Interrogatoire de Sophie Lalande
Je suis Sophie Lalande, 30 ans, esthéticienne de métier, célibataire et sans enfants.
Cette soirée était prévue depuis plus d’un mois. C’était mes 30 ans. Super cadeau hein ! Je voulais juste passer un bon moment avec les gens que j’aime. En plus, tout le monde a pu venir. Même Seb a pu se libérer. Jusqu’à la dernière minute, ce n’était pas sûr. J’avais préparé pas mal de chose à l’avance pour être tranquille et profiter de la soirée. Je n’aurais jamais pensé terminer ainsi. Qui a pu en vouloir à Patrice à ce point pour en arriver là ? Franchement, je ne sais pas. Il était si gentil. Toujours à se préoccuper des autres.
La soirée avait bien commencé. Tout le monde semblait joyeux et détendu. Et puis je n’arrête pas de penser que son assiette ne lui était pas forcément destinée. Cela aurait pu être n’importe qui même moi. Patrice, je le connais, enfin, je le connaissais depuis toujours, je crois. On était à l’école ensemble, depuis la maternelle, on s’est toujours suivi. En tout cas jusqu’au lycée.
Tout le monde a eu accès à la cuisine, tout le monde a pu mettre le poison fatal. Même ma mère. C’est horrible de penser ça. Ma mère, elle aimait bien Patrice. Elle est même amie avec sa mère. La pauvre, elle avait déjà perdu son mari. C’est à ce moment-là qu’on s’est vraiment rapproché avec Patrice. La mort de son père avait été un tel choc pour lui et j’étais sa seule amie.

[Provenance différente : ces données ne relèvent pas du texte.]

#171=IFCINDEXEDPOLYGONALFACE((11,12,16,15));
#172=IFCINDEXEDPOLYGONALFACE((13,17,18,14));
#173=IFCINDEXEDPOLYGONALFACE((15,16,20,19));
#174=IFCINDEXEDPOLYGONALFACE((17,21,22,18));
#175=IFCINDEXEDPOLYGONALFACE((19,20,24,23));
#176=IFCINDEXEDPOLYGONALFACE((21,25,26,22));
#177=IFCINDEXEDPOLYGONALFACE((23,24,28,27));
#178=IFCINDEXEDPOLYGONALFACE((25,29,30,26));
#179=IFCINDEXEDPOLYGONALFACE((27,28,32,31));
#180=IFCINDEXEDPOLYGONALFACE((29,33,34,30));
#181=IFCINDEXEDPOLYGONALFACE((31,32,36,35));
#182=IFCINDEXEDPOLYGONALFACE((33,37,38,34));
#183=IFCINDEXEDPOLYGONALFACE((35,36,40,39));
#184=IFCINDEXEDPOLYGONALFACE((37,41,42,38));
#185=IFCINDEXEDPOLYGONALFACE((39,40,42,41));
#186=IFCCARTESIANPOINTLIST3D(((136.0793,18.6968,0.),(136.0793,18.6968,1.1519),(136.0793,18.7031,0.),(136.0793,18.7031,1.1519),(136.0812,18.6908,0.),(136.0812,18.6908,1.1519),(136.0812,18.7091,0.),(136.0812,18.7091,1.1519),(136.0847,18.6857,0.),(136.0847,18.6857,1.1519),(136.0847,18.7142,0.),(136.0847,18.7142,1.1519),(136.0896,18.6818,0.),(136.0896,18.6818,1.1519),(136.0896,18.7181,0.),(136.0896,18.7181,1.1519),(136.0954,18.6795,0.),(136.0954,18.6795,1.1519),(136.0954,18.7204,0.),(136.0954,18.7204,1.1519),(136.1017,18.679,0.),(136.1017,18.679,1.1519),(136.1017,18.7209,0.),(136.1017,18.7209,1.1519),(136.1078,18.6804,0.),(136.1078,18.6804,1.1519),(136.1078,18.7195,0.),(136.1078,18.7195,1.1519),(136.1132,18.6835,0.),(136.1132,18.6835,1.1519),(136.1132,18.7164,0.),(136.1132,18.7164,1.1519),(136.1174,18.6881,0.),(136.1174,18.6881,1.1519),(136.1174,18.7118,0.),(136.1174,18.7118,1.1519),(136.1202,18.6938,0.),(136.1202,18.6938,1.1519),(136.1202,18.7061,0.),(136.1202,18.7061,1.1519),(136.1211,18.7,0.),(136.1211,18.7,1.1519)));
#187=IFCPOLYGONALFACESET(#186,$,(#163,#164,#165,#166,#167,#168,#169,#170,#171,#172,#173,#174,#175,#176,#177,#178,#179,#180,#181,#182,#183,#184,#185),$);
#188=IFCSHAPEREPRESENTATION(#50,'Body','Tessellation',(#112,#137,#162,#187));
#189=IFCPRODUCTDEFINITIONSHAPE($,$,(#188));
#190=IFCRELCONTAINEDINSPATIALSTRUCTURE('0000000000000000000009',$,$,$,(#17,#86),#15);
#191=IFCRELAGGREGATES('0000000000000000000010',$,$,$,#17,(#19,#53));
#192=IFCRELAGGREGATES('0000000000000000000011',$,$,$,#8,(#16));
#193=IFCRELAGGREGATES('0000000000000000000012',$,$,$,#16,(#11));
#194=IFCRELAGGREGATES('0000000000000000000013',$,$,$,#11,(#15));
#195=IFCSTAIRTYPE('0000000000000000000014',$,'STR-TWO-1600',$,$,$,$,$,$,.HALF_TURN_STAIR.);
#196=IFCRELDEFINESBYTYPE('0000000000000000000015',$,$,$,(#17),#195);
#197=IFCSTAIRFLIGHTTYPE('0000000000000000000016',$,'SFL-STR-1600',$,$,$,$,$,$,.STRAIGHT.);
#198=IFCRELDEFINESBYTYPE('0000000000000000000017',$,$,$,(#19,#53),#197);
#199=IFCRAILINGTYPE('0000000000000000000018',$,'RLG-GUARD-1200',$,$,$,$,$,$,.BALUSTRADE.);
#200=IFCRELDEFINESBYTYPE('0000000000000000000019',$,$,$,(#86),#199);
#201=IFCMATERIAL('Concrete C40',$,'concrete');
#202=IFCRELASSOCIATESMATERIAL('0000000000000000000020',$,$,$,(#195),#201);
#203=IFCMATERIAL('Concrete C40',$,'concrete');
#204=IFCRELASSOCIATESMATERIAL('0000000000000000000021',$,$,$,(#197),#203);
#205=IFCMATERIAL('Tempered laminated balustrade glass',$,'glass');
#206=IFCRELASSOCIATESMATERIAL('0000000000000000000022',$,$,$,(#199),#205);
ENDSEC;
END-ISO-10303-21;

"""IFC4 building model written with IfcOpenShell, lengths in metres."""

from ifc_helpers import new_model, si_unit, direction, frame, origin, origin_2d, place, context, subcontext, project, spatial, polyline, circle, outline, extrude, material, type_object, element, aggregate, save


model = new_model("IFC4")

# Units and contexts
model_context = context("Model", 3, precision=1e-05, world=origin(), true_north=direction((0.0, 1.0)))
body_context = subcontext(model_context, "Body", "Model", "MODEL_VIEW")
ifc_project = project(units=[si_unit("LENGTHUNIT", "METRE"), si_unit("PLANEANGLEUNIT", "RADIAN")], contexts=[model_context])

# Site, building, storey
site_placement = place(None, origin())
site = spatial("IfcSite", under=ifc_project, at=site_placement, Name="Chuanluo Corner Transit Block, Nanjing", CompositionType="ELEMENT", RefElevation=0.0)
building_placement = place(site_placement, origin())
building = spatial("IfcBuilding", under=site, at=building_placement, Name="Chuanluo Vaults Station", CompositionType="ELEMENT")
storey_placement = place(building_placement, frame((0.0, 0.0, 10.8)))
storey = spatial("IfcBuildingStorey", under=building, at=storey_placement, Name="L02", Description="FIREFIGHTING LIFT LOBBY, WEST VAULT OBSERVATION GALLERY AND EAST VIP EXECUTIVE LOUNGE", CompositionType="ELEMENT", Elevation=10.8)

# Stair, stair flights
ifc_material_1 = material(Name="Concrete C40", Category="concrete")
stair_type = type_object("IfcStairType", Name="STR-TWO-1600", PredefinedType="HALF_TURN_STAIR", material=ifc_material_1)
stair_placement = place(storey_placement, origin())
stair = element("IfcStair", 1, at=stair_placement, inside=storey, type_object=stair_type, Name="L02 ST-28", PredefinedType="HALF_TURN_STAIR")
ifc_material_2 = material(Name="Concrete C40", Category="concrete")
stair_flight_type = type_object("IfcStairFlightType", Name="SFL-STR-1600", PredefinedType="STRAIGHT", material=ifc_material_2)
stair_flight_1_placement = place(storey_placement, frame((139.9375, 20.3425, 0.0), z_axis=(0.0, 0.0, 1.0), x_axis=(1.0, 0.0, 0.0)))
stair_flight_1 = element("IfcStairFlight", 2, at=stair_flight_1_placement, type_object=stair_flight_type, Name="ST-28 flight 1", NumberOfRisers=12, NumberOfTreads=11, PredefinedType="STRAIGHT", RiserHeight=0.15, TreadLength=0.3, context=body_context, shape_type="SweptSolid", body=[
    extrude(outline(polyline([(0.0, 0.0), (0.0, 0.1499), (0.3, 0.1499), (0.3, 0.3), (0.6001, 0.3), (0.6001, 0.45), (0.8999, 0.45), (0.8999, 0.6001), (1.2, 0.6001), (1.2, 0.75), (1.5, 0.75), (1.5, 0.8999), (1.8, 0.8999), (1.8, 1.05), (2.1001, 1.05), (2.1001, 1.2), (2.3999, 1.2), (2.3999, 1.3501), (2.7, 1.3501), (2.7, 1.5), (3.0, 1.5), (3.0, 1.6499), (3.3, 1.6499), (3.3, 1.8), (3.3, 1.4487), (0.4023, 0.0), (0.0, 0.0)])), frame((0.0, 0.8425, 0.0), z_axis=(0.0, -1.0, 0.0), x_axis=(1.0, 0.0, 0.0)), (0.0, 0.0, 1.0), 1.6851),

Je ne sais pas quoi vous dire de plus. Je me refais le fil de la soirée depuis hier soir, mais rien ne me semble bizarre ou suspect. Tout le monde profitait. Lorsque Patrice s’est mis à suffoquer, j’ai pensé qu’il était en train de s’étrangler. Mon père s’est levé et l’a entouré de ses bras pour faire pression sur son thorax et tenter de le faire cracher. Mais ça n’a pas marché. Lorsqu’il l’a lâché, sa tête est tombée dans l’assiette juste comme ça. On est tous resté interdit à se regarder. Mon père est devenu blême, je me souviens de ses mains qui tremblent alors qu’il essaie de relever Patrice, mais il retombe tout le temps comme une poupée de chiffon. C’est Sofia qui a crié la première. Elle était hystérique. Seb l’a giflé pour qu’elle se calme avant d’appeler les pompiers. Ils sont arrivés assez vite, même si j’ai trouvé le temps interminable. On n’osait plus ni bouger ni parler. Ma mère, qui était assise en face de Patrice, ne le quittait pas du regard. Comme fascinée.
Même si cela semblait évident, le fait que les pompiers prononcent le mot « mort » m’a fait craquer. Daniel m’a pris dans ses bras pour me consoler. J’avais froid, comme si mon sang ne circulait plus.
Tout est embrouillé, je ne me souviens pas des autres. Je crois que Laurent n’était pas dans la pièce quand c’est arrivé. En tout cas, je ne me souviens pas de lui. Je ne sais pas ce qu’il faisait.
Maintenant que j’y pense, Pascal n’était pas très content que Patrice soit là. Ils ne s’aimaient pas beaucoup ces deux-là. Mais c’est mes deux meilleurs amis alors c’est normal que je les invite tous les deux non ?
Patrice, lui, était comme d’habitude, joyeux et très loquace. Je n’ai rien noté de différent chez lui.
Lorsque l’on a été prié de rester dans le salon sans bouger, l’ambiance était lourde, étrange. Mon père s’est assis sur le canapé, la tête dans ses mains. Je ne voyais pas son visage, mais seulement les soubresauts de ses épaules. Il pleurait. C’était étrange, mon père ne pleurait jamais. En tout cas en public. Elena, qui se tenait derrière lui, lui massait l’épaule dans un geste vain de consolation. Moi, j’étais assise sur l’accoudoir comme en suspens prête à bondir. Mes nerfs étaient à bloc. À aucun moment, je ne me suis imaginé qu’il s’agissait d’un meurtre. C’est vraiment comme un mauvais rêve.
Qui a pu faire une telle chose ? Peut-être tout le monde en fait ? Tout le monde a eu un accès aux plats et à la cuisine.